Releases: intunist/nnsvs-english-support
v0.4.0: Cleanup, phoneme changes, and a (good) Dictonary
v0.4.0 overhauls things a little bit and cleans a lot up. This update also breaks compatibility with older versions but is fairly easy to update to the new version!
- Our custom [j] and [h] phonemes have been reverted back to the standard Arpabet [jh] and [hh] phonemes. This is the one breaking change and should be the last phonetic change unless we add phonemes.
- the extra/unused phonemes have been removed from the hed files to reduce the amount of vram needed for training.
- There is now a (GOOD) dictionary included! This dictionary is based on amepd, a modified cmu dict, by Reece H. Dunn.
The dictionary will be a constant work in progress to make it more accurate for singing. We found a lot of weird quirks in it but it's a massive first step in getting a good reference for new users.
v0.3.1: removed [eng] phoneme
v0.3.1 removes the [eng] phoneme from the list of supported phonemes.
It ended up being useless in all cases as [ih][ng] could (and should) be used instead.
v0.3.0: rrrrrrrr and disposable phonemes
v0.3.0 adds three new phonemes, [rr], [rx], and [ol]. Adding more flexibility when labeling datasets.
- [rr] is the trilled r, like in Spanish.
- [rx] is a fricative r, like in German or French.
- [ol] is a particularly useful phoneme.

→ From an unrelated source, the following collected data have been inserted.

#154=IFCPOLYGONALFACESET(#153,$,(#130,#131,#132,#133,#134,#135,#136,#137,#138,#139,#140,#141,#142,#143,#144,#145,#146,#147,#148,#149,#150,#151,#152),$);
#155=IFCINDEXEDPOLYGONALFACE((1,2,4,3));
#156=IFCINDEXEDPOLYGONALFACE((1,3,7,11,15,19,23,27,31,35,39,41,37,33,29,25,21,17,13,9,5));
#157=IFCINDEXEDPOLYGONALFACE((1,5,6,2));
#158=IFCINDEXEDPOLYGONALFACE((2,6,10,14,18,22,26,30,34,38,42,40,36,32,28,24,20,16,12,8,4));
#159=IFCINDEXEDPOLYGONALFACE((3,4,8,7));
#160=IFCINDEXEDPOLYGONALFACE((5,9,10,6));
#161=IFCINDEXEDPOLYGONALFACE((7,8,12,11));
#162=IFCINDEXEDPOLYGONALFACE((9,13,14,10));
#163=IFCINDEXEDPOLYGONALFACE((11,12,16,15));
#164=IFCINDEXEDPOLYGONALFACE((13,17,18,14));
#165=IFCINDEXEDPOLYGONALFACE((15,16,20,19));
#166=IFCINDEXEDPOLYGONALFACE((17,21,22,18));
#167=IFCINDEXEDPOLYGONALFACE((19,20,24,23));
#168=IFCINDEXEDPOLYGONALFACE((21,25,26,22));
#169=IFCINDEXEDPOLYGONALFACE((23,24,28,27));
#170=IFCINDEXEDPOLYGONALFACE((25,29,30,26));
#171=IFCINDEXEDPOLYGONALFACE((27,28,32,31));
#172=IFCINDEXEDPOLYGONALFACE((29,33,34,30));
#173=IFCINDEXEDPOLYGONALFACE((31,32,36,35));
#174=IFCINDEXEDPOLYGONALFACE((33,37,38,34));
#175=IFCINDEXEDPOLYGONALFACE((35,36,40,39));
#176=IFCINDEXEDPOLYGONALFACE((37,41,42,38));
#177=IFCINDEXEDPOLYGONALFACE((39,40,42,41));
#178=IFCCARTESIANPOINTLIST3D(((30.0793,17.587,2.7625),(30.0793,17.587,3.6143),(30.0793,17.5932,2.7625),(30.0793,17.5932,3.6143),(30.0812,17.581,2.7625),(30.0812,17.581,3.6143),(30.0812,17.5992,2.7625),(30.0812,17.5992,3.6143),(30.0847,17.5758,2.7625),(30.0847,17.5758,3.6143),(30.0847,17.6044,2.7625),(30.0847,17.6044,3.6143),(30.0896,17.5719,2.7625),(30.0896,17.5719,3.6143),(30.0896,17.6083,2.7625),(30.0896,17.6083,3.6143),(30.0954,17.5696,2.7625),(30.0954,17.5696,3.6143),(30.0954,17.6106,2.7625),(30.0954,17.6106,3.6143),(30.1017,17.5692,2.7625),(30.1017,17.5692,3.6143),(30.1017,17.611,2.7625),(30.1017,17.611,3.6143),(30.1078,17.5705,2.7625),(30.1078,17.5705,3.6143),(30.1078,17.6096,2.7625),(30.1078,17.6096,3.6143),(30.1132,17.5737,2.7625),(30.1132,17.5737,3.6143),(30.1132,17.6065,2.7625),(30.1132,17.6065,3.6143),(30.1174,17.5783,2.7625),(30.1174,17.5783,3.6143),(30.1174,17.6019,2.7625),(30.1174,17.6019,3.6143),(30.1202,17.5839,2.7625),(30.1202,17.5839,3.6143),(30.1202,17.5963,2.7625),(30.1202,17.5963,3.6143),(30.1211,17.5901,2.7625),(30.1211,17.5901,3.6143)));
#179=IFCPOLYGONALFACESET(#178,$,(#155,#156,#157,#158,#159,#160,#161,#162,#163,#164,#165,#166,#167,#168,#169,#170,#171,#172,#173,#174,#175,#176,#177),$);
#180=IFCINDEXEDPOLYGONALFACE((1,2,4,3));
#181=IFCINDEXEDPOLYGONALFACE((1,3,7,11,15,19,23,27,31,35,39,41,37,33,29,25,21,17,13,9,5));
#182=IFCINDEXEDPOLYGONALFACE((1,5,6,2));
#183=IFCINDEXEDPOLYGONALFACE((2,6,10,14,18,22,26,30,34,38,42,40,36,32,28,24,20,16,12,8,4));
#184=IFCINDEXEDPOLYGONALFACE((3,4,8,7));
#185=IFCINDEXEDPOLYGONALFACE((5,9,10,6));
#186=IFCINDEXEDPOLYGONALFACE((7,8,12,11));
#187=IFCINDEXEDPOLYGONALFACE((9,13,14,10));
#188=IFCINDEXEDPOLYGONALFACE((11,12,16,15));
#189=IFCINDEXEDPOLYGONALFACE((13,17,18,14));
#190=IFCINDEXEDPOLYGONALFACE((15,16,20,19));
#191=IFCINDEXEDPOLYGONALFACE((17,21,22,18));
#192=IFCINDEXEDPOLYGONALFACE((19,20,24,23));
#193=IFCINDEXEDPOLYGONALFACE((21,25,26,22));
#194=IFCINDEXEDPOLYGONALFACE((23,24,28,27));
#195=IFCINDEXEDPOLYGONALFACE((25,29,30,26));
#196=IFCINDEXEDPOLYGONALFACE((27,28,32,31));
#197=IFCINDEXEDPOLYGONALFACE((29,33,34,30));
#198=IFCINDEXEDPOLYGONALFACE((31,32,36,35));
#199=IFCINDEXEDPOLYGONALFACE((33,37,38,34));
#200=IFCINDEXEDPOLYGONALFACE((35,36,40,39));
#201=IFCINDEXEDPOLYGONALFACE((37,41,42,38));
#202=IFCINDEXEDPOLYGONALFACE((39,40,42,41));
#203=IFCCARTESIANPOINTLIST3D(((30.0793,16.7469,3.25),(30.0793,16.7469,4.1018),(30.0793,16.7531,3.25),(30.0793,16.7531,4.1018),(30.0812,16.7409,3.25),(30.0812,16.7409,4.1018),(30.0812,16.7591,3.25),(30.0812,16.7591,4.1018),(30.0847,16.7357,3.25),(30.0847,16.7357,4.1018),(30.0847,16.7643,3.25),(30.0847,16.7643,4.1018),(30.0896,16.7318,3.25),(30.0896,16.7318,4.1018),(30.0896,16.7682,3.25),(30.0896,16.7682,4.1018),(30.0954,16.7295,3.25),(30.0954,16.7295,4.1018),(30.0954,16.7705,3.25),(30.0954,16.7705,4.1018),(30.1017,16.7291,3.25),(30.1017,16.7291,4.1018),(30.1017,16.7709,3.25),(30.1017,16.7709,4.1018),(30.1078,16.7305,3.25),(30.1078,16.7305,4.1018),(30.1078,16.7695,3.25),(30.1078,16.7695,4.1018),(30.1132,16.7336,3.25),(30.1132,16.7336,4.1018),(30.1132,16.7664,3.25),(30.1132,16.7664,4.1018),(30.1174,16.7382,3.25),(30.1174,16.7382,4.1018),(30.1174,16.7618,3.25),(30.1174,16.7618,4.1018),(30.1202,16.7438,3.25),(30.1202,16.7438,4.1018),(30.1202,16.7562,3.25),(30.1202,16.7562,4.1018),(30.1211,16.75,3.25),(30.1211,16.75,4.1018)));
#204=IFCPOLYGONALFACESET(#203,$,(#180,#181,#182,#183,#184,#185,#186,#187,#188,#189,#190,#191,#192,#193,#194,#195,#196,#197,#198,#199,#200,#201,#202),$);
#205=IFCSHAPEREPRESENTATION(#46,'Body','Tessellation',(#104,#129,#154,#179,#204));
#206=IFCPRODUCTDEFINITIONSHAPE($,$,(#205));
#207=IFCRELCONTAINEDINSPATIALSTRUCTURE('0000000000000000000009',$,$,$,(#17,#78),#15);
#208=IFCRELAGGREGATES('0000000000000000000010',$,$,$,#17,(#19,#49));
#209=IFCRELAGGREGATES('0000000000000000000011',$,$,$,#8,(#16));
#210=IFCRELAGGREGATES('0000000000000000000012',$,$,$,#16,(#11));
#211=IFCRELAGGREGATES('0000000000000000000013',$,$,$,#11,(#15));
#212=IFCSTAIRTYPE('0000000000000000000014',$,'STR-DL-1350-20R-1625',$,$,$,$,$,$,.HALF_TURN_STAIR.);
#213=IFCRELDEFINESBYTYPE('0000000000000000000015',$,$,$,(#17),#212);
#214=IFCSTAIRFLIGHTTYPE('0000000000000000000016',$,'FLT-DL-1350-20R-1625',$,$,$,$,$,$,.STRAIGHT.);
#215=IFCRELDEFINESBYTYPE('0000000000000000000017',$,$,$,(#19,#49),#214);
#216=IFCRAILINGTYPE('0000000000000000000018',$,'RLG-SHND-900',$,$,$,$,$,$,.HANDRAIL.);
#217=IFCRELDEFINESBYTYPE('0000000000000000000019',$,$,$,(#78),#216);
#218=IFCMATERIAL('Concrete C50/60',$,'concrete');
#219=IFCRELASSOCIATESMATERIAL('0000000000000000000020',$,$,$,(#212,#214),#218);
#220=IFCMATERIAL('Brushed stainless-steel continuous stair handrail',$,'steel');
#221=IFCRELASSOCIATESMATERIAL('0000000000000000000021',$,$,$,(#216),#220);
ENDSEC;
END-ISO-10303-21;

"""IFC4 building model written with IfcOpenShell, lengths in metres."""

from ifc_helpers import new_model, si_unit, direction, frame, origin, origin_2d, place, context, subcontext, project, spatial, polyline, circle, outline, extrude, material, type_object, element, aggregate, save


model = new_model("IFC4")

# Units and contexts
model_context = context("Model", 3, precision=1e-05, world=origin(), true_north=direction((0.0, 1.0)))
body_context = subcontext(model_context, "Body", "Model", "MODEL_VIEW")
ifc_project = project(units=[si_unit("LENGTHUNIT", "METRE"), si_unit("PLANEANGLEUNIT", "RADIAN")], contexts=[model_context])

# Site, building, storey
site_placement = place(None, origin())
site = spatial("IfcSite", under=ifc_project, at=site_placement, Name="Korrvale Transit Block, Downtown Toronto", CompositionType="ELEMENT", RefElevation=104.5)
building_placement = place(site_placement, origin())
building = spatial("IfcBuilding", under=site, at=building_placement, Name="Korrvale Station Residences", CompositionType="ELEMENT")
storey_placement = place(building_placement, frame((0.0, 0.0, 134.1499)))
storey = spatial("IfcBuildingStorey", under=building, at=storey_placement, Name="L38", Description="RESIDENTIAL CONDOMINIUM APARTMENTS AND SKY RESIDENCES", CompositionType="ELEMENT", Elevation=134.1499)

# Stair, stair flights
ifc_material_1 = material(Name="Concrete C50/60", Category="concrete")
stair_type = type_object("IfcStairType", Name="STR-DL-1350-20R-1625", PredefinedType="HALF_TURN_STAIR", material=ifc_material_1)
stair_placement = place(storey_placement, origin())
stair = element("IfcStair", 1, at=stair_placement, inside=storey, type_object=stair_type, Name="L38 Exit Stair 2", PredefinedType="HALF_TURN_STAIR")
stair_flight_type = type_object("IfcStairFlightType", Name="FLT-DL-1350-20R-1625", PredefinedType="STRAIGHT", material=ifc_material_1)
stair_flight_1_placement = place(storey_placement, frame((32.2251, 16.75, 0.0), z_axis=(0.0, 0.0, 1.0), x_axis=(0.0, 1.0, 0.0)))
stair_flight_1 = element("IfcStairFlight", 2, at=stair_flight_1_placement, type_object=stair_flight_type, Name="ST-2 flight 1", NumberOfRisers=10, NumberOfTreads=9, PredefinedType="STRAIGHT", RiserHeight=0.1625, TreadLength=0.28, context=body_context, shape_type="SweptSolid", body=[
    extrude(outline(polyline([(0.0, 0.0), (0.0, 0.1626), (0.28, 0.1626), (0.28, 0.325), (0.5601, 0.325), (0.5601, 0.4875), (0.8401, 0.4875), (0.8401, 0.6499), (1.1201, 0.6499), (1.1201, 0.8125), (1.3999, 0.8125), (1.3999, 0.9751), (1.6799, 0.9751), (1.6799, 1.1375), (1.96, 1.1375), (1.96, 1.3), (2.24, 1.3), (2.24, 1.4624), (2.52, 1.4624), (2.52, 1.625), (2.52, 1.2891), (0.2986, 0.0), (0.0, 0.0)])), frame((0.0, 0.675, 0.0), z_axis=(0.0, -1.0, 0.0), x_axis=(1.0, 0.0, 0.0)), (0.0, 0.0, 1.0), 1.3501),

It's intended for labeling out-of-language or "junk" sounds.
^This allows you to label around sounds you don't want affecting your models.
We are also now working on a shiro model for auto-labeling datasets. But that's a ways off!

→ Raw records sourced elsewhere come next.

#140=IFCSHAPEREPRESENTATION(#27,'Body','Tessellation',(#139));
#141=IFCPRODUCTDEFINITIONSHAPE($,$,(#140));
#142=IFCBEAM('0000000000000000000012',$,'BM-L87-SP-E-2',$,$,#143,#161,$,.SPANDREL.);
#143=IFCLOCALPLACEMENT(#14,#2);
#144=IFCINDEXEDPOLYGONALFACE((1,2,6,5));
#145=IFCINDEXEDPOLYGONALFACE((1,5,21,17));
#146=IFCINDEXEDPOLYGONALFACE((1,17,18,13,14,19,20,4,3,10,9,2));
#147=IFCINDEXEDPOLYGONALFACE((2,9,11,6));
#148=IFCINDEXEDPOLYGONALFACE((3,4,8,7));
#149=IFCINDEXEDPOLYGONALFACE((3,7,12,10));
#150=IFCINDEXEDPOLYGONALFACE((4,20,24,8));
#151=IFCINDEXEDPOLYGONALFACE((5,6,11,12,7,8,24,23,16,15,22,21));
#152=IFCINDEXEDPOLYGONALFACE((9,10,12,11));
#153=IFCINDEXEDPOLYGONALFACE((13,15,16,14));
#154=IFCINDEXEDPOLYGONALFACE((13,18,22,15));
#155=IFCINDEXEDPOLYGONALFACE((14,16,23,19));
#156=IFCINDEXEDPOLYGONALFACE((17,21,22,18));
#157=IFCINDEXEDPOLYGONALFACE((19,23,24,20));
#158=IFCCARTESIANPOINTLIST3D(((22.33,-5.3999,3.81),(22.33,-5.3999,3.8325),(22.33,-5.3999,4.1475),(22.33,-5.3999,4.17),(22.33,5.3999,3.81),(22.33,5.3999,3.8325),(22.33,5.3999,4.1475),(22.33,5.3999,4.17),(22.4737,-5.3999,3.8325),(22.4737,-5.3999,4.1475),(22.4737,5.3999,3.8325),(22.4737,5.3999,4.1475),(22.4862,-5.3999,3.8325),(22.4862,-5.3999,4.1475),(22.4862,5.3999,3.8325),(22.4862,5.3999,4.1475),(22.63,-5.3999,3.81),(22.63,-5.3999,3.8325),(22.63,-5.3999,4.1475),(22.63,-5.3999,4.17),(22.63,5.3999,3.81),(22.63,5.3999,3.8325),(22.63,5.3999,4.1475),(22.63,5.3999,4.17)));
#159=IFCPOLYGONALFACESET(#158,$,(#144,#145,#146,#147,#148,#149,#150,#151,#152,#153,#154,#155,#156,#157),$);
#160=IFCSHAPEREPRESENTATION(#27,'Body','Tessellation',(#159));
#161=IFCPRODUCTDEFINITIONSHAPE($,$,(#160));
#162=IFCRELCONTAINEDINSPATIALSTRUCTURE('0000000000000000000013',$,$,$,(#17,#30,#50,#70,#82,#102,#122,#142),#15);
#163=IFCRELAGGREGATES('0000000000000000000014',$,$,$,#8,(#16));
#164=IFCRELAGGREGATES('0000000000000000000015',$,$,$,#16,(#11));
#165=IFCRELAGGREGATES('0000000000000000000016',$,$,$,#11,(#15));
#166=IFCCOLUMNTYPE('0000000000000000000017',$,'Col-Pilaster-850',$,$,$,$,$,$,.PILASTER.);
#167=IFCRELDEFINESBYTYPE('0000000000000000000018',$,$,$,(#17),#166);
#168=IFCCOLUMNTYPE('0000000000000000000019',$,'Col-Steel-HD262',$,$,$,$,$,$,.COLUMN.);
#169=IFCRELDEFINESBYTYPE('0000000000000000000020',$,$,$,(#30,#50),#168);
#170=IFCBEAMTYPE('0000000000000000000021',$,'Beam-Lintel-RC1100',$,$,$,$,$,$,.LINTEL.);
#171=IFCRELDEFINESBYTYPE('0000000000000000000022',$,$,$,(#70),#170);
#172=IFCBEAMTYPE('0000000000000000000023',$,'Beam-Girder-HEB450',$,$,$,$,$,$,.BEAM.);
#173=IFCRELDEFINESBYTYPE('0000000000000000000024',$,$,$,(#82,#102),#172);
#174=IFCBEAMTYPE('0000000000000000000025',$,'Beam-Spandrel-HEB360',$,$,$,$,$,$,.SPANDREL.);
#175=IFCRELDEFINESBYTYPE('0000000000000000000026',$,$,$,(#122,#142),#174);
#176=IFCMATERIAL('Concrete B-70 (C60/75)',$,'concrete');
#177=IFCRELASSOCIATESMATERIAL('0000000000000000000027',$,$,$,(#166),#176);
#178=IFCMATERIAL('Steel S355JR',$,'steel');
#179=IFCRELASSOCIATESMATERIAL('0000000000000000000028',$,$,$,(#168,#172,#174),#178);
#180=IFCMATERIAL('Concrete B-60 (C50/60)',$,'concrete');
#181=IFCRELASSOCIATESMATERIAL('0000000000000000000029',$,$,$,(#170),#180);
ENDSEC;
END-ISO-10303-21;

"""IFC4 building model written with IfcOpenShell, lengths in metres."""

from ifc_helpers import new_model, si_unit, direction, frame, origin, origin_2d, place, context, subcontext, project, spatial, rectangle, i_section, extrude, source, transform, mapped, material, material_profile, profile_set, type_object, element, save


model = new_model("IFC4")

Be sure to update the in_dim values in your config!
v0.2.4: voiced release, documentation, and dictionary improvements
v0.2.3 v0.2.4 adds a new phoneme, [axh]. This is similar to the [exh] phoneme but for labeling voiced releases and exhales.
Along with this update:
- all the documentation was updated for improved clarity.
- The dictionary has been improved further, almost to the point of being useful.
- square brackets in the dictionary have been replaced with inequality signs/angled brackets
<>for compatibility reasons.
Be sure to change the in_dim value in your config files.
v0.2.2: Updated Dictionary
v0.2.2: Updated the tables to be more useful. You will still need to train with blank.table but english/english1.table can be used afterwards on the finished model if desired, Note that ENUNU doesn't support multi-syllable words at the time of writing.
Some documentation was also updated to make more sense.
v0.2.1: suffix support
v0.2.1 Adds support for suffixed phonemes! ...with come caveats.
Note that the additional phonemes in the suffixed hed file increases the amount of vram/ram required for training. So you may wish to omit suffixes you don't need.
additional changes:
- added [cr] phoneme: for labeling vocal cracks, if desired.
- in_dim values are different from previous versions. Refer to README.md.
- [cl] phoneme is now treated as a "toggle" for when the closure state of a consonant in a cluster isn't the vocalist's natural default. Still unlikely to use.